Adequate pain relief requires use of parenteral opioids such as hydromorphone or fentanyl, which should be given in adequate doses. Morphine can theoretically increase pressure in the sphincter of Oddi, thus making hydromorphone preferable to morphine.

    • Antiemetic (for vomiting)

Antiemetic drugs should also be given to relieve nausea and vomiting.

    • Oxygen 

Because pancreatitis can cause lung injury and affect normal lung function, supplemental oxygen is occasionally delivered through breathing tubes that are connected via the nose (e.g., nasal cannula) or via a mask. 

    • Nutritional support

Early enteral nutrition is recommended because it is associated with lower morbidity compared to delay or no nutrition. Patients with mild pancreatitis can begin an oral low-residue, low fat, soft diet as soon as it can be tolerated.

Enteral feeding is preferred over total parenteral nutrition because parenteral nutrition is associated with increased risk of infectious complications and organ failure.

antibiotics

  1. Antibiotic treatment

For severe acute pancreatitis with complications, antibiotics and therapeutic interventions are needed. The management of patients with severe acute pancreatitis and its complications should be individualized using a multidisciplinary approach including therapeutic endoscopists, interventional radiologists, and a surgeon and should be monitored closely in the first 24 to 48 hours n an ICU.

Complications Of Acute Pancreatitis

Complications of acute pancreatitis can be categorized viz

  1. Local

    • Pancreatic and peripancreatic fluid collections. 

Enzyme-rich pancreatic fluid collection can occur early in the disease course in the pancreas or around it. These collections may contain only fluid or in some cases necrotic materials and they seem to resolve spontaneously, but if they do not resolve after about 4 weeks and go on to develop fibrous capsule, the collection is now termed pancreatic pseudocysts and they can also resolve spontaneously or becomes infected by gut bacteria thus leading to very high morbidity and mortality.

    • Splenic vein thrombosis. 

Occurs when blood clots block veins in the spleen.

    • Pseudo aneurysm formation. 

A pseudoaneurysm occurs when a blood vessel wall is injured. Blood leaking from the vessel collects in surrounding tissue. It is sometimes called a false aneurysm.

    • Gastric outlet dysfunction.

Patients with acute pancreatitis can experience gastric outlet dysfunction or obstruction as a result of narrowing of the duodenum or pylorus caused by surrounding pancreatic and peripancreatic inflammation. It can also be the result of compression by walled-off necrosis or pseudocyst.

  1. Systemic

    • Shock

In severe cases, parts of the pancreas die, a condition referred to as necrotizing pancreatitis. This can cause pancreatic fluid and blood to leak into the abdominal cavity, decreasing the blood volume and blood pressure thus leading to hypovolemic shock.

    • Organ failure

Here, organ failure can be a single organ or multiple organs shut down (e.g., cardiovascular and/or respiratory failure, acute kidney injury).

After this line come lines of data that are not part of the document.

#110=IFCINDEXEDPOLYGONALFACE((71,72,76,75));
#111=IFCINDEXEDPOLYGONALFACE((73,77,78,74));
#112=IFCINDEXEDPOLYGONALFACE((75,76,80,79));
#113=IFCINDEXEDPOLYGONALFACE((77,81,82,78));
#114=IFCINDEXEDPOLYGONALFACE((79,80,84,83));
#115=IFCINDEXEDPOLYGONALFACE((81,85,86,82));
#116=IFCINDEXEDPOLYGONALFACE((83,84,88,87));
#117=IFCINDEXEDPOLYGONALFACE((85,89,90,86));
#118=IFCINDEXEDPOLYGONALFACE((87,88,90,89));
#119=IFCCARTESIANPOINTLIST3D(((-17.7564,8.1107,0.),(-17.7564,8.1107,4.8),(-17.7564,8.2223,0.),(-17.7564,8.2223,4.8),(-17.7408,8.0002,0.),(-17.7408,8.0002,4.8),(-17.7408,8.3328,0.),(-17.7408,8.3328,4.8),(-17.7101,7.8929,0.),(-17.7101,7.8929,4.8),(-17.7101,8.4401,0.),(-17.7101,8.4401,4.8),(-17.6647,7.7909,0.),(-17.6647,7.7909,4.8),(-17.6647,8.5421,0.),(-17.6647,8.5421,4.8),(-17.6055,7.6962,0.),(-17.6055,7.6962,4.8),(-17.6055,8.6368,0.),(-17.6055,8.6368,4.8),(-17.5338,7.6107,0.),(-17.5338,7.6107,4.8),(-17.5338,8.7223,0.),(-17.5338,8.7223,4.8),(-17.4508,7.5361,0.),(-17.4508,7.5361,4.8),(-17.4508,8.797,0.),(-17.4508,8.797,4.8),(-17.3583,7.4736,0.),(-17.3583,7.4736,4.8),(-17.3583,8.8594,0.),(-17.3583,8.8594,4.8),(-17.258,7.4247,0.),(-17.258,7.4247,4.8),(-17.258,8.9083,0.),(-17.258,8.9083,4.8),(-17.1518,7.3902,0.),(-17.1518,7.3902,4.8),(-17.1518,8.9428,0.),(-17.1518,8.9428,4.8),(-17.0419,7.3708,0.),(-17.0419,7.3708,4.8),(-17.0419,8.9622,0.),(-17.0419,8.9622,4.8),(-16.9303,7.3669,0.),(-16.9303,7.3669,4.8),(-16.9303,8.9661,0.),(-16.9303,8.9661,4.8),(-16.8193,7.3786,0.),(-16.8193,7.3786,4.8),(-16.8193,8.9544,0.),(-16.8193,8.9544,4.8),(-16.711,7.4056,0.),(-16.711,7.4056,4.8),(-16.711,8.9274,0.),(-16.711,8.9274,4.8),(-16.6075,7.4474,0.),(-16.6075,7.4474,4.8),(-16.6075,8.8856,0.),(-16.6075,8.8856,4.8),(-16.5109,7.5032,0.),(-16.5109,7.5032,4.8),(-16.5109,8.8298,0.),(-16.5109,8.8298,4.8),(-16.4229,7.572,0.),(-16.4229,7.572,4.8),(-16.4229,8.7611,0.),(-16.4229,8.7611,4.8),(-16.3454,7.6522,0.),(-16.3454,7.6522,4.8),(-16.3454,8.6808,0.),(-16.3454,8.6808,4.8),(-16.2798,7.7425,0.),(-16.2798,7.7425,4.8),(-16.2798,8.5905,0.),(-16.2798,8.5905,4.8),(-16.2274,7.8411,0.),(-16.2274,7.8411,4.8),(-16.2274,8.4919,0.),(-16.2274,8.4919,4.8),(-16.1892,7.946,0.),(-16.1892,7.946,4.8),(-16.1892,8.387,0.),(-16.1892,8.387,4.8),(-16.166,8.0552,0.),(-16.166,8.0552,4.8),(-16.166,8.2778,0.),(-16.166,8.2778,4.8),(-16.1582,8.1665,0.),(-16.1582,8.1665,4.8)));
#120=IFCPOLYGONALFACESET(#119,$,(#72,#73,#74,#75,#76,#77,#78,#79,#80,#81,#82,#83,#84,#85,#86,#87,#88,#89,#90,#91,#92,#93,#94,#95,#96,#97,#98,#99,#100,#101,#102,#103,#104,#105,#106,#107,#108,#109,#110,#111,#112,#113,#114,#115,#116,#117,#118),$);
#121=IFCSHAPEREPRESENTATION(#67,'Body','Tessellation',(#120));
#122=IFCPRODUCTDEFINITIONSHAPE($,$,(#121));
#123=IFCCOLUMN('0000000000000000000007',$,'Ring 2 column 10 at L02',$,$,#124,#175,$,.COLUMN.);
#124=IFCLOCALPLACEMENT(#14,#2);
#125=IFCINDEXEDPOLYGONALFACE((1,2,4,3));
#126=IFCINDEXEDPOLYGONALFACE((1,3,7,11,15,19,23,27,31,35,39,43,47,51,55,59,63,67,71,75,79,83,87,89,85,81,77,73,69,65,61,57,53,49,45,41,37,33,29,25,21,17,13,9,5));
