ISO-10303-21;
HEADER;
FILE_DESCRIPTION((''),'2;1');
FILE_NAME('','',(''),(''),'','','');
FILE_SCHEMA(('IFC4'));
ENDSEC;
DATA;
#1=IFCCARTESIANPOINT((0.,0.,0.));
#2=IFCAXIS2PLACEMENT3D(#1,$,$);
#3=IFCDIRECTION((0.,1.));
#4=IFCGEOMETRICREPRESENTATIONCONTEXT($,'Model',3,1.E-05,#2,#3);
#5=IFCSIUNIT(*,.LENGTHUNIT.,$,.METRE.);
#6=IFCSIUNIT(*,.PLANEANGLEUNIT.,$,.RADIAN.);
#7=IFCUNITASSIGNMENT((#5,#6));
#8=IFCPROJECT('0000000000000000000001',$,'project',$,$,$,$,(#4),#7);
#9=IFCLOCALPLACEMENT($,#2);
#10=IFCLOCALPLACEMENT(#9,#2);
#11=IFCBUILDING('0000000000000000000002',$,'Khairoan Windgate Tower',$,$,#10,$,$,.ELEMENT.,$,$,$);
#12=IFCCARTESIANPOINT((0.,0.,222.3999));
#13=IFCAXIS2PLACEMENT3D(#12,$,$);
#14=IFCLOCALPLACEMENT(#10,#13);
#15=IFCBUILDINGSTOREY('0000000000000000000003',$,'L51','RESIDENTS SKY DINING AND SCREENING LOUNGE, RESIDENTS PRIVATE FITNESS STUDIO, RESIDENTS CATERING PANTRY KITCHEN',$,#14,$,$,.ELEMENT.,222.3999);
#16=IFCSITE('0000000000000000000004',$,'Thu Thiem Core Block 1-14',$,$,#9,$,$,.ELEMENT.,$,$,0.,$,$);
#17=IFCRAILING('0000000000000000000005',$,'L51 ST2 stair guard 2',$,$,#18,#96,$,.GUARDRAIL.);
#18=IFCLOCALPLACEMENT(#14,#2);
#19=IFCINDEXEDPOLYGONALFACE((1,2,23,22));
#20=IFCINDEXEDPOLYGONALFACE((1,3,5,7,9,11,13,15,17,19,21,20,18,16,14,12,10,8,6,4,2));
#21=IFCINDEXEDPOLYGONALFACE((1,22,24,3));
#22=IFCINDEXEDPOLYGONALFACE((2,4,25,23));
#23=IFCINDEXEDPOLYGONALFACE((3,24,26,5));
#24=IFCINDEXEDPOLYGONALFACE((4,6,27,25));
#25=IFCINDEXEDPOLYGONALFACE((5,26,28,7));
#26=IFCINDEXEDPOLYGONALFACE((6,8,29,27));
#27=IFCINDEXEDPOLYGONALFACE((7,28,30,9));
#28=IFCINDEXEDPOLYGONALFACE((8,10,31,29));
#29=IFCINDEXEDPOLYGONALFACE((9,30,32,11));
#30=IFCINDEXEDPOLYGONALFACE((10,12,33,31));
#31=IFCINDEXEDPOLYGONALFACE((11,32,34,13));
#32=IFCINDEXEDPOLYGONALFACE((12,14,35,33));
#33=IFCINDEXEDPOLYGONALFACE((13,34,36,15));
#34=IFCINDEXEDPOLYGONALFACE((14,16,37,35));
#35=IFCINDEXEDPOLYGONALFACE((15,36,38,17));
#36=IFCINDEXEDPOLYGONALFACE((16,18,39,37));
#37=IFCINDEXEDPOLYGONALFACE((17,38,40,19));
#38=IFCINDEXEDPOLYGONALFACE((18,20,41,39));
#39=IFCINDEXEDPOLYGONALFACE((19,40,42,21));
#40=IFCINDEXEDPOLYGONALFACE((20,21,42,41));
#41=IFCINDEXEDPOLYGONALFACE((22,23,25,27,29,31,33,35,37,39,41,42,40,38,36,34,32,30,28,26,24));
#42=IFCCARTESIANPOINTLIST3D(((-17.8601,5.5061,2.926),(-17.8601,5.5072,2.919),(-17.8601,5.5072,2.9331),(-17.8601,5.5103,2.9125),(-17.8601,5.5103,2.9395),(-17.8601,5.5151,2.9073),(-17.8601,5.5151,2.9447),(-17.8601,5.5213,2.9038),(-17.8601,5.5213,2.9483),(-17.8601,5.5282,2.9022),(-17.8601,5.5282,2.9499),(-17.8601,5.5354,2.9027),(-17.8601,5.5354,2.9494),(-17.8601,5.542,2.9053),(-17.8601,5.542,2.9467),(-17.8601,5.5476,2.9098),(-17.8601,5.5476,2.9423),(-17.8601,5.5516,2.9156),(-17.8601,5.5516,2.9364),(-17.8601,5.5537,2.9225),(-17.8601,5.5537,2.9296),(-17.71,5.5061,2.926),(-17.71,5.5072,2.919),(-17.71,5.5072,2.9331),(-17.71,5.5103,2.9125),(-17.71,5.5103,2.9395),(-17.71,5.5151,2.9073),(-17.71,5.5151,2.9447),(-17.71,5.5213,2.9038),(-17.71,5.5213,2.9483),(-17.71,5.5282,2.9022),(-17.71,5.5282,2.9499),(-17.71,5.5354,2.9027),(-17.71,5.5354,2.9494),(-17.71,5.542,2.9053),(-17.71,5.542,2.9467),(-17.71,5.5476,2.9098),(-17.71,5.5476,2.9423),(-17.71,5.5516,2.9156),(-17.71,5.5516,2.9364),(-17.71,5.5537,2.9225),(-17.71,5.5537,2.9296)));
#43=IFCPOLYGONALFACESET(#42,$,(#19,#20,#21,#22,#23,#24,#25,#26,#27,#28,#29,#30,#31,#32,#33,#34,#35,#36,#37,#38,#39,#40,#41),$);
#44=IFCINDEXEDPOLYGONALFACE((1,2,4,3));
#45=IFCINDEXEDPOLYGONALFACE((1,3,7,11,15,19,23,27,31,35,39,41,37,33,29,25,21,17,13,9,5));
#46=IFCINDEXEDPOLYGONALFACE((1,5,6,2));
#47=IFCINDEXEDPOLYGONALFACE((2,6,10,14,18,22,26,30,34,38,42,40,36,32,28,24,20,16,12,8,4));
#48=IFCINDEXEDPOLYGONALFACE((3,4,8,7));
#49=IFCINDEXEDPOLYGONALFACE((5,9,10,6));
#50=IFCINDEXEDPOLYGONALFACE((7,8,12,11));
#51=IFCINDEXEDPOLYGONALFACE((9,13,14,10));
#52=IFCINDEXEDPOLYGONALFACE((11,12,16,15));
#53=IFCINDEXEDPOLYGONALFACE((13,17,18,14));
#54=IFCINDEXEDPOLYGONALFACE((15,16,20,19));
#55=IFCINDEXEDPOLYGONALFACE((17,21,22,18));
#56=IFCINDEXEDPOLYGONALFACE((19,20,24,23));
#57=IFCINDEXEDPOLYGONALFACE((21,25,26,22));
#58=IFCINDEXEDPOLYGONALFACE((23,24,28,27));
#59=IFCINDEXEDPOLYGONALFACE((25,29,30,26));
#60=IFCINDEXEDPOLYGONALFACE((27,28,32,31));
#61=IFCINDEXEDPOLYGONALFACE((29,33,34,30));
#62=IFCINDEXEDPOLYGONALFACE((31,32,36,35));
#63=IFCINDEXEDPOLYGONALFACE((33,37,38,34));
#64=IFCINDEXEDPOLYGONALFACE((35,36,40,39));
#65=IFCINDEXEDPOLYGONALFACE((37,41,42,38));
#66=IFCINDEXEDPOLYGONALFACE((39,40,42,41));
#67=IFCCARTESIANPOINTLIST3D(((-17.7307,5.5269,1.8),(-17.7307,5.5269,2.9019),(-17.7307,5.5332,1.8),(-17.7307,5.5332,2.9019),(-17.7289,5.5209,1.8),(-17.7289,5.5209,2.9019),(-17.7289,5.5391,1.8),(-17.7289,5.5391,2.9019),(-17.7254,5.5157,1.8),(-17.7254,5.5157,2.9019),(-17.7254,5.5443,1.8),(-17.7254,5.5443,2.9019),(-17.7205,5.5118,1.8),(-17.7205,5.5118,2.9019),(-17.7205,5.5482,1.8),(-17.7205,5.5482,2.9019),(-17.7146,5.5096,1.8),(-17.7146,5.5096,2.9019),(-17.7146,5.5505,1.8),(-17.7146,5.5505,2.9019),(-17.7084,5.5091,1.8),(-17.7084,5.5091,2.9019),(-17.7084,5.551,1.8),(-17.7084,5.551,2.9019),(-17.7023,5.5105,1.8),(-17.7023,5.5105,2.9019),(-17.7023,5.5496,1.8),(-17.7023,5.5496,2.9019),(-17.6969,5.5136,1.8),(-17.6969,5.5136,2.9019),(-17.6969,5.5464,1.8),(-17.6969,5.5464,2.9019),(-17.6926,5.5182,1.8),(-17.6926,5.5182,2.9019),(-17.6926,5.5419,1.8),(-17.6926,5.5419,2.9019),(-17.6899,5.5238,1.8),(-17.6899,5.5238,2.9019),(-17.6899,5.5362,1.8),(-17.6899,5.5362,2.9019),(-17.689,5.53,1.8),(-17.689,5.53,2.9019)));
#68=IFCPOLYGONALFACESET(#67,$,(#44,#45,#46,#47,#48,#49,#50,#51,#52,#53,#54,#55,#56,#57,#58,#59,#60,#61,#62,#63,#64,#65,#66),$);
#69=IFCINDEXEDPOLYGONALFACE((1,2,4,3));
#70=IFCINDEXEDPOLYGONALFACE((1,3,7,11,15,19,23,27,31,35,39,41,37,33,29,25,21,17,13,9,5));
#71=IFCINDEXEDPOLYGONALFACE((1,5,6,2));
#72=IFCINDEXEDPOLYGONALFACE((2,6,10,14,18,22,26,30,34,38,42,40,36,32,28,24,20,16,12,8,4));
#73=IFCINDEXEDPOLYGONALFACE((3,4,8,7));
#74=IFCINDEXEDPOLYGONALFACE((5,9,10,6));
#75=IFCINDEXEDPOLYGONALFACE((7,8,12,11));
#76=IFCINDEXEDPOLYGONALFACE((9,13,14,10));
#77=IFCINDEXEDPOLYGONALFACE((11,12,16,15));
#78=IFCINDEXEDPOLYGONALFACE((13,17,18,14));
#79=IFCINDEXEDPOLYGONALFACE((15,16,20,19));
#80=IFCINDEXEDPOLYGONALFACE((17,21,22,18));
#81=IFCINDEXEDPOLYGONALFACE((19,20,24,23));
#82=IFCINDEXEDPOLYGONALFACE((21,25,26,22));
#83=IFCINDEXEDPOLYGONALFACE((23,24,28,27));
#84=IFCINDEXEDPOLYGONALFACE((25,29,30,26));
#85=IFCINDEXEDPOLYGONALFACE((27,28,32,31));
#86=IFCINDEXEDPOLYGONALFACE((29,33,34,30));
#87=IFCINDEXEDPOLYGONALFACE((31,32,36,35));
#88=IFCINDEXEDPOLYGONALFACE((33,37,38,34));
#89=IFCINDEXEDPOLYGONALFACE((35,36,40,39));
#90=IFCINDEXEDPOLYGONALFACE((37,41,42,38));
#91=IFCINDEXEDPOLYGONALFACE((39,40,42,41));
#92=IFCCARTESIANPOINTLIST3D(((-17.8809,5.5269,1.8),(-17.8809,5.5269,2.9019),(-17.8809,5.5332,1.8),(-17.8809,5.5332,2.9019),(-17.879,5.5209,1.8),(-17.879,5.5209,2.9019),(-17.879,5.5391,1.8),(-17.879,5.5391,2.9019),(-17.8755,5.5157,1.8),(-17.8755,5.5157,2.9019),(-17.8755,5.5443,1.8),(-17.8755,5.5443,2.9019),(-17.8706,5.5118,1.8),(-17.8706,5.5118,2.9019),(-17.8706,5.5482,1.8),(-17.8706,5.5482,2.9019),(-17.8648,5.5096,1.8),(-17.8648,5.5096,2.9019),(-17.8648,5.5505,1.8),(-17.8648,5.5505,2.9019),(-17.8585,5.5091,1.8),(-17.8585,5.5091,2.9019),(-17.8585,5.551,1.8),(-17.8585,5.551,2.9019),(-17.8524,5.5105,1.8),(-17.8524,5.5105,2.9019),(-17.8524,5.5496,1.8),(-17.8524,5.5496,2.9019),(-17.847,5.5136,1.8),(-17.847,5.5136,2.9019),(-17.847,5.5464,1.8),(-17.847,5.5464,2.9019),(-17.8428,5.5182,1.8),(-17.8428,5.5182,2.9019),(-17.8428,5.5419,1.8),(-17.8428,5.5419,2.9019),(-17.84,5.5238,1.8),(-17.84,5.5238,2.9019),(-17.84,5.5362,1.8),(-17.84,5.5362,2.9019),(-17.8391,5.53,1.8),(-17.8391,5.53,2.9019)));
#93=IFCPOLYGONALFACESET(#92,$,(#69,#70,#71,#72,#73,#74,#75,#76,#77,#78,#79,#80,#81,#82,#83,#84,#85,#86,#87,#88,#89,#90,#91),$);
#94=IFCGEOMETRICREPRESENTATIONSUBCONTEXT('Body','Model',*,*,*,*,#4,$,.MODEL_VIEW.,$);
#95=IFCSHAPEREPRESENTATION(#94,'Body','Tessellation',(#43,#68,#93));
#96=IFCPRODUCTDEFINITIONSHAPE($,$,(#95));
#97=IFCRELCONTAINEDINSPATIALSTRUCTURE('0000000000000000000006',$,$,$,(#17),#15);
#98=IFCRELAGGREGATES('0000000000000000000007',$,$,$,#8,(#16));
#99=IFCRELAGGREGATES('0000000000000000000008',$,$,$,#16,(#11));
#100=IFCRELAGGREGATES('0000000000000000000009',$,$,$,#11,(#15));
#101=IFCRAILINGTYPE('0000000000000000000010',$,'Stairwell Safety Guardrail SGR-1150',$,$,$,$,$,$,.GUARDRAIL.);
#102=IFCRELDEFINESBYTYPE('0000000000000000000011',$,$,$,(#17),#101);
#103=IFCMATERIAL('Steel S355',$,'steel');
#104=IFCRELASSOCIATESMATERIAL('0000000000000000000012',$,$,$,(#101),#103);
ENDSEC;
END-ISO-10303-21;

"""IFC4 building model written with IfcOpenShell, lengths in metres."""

from ifc_helpers import new_model, si_unit, direction, frame, origin, origin_2d, place, context, subcontext, project, spatial, circle, extrude, material, type_object, element, save


model = new_model("IFC4")

# Units and contexts
model_context = context("Model", 3, precision=1e-05, world=origin(), true_north=direction((0.0, 1.0)))
body_context = subcontext(model_context, "Body", "Model", "MODEL_VIEW")
ifc_project = project(units=[si_unit("LENGTHUNIT", "METRE"), si_unit("PLANEANGLEUNIT", "RADIAN")], contexts=[model_context])

# Site, building, storey
site_placement = place(None, origin())
site = spatial("IfcSite", under=ifc_project, at=site_placement, Name="Thu Thiem Core Block 1-14", CompositionType="ELEMENT", RefElevation=0.0)
building_placement = place(site_placement, origin())
building = spatial("IfcBuilding", under=site, at=building_placement, Name="Khairoan Windgate Tower", CompositionType="ELEMENT")
storey_placement = place(building_placement, frame((0.0, 0.0, 222.3999)))
storey = spatial("IfcBuildingStorey", under=building, at=storey_placement, Name="L51", Description="RESIDENTS SKY DINING AND SCREENING LOUNGE, RESIDENTS PRIVATE FITNESS STUDIO, RESIDENTS CATERING PANTRY KITCHEN", CompositionType="ELEMENT", Elevation=222.3999)

# Railing
ifc_material_1 = material(Name="Steel S355", Category="steel")
railing_type_1 = type_object("IfcRailingType", Name="Stairwell Safety Guardrail SGR-1150", PredefinedType="GUARDRAIL", material=ifc_material_1)
railing_1_placement = place(storey_placement, frame((-17.71, 5.53, 1.8)))
element("IfcRailing", 1, at=railing_1_placement, inside=storey, type_object=railing_type_1, Name="L51 ST2 stair guard 2", PredefinedType="GUARDRAIL", context=body_context, shape_type="SweptSolid", body=[
    extrude(circle(Radius=0.0239, at=origin_2d()), frame((0.0, 0.0, 1.126), z_axis=(-1.0, 0.0, 0.0), x_axis=(0.0, -1.0, 0.0)), (0.0, 0.0, 1.0), 0.1501),
    extrude(circle(Radius=0.021, at=origin_2d()), origin(), (0.0, 0.0, 1.0), 1.1018),
    extrude(circle(Radius=0.021, at=origin_2d()), frame((-0.1501, 0.0, 0.0)), (0.0, 0.0, 1.0), 1.1018),
])

save(model, "model.ifc")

Organ failure is defined using a scoring system, which is based on laboratory and vital sign indicators of respiratory, renal, and cardiovascular impairment.

Risk is increased in patients with underlying co-morbidities and/or a persistent systemic inflammatory response syndrome (SIRS).

Systemic inflammatory response syndrome (SIRS), in the appropriate clinical setting, is defined as the presence of two or more of the following:

  • Temperature of more than 38.3° C or less than 36.0° C
  • Heart rate of more than 90/minute
  • Respiratory rate more than 20cycles/minute or PACO2 less than 32 mmHg.
  • White blood cell counts of more than 12,000/mcL (12 × 109/L), less than 4,000/mcL (4 × 109/L) or with more than 10% bands

Conclusion

Medical treatment of mild acute pancreatitis is relatively straightforward. It is important that patients with severe acute pancreatitis are identified as soon as possible because this is critical for achieving optimal outcomes. 

Management depends largely on severity. Treatment of severe acute pancreatitis involves intensive care while surgical intervention (open or minimally invasive) is indicated in selected cases.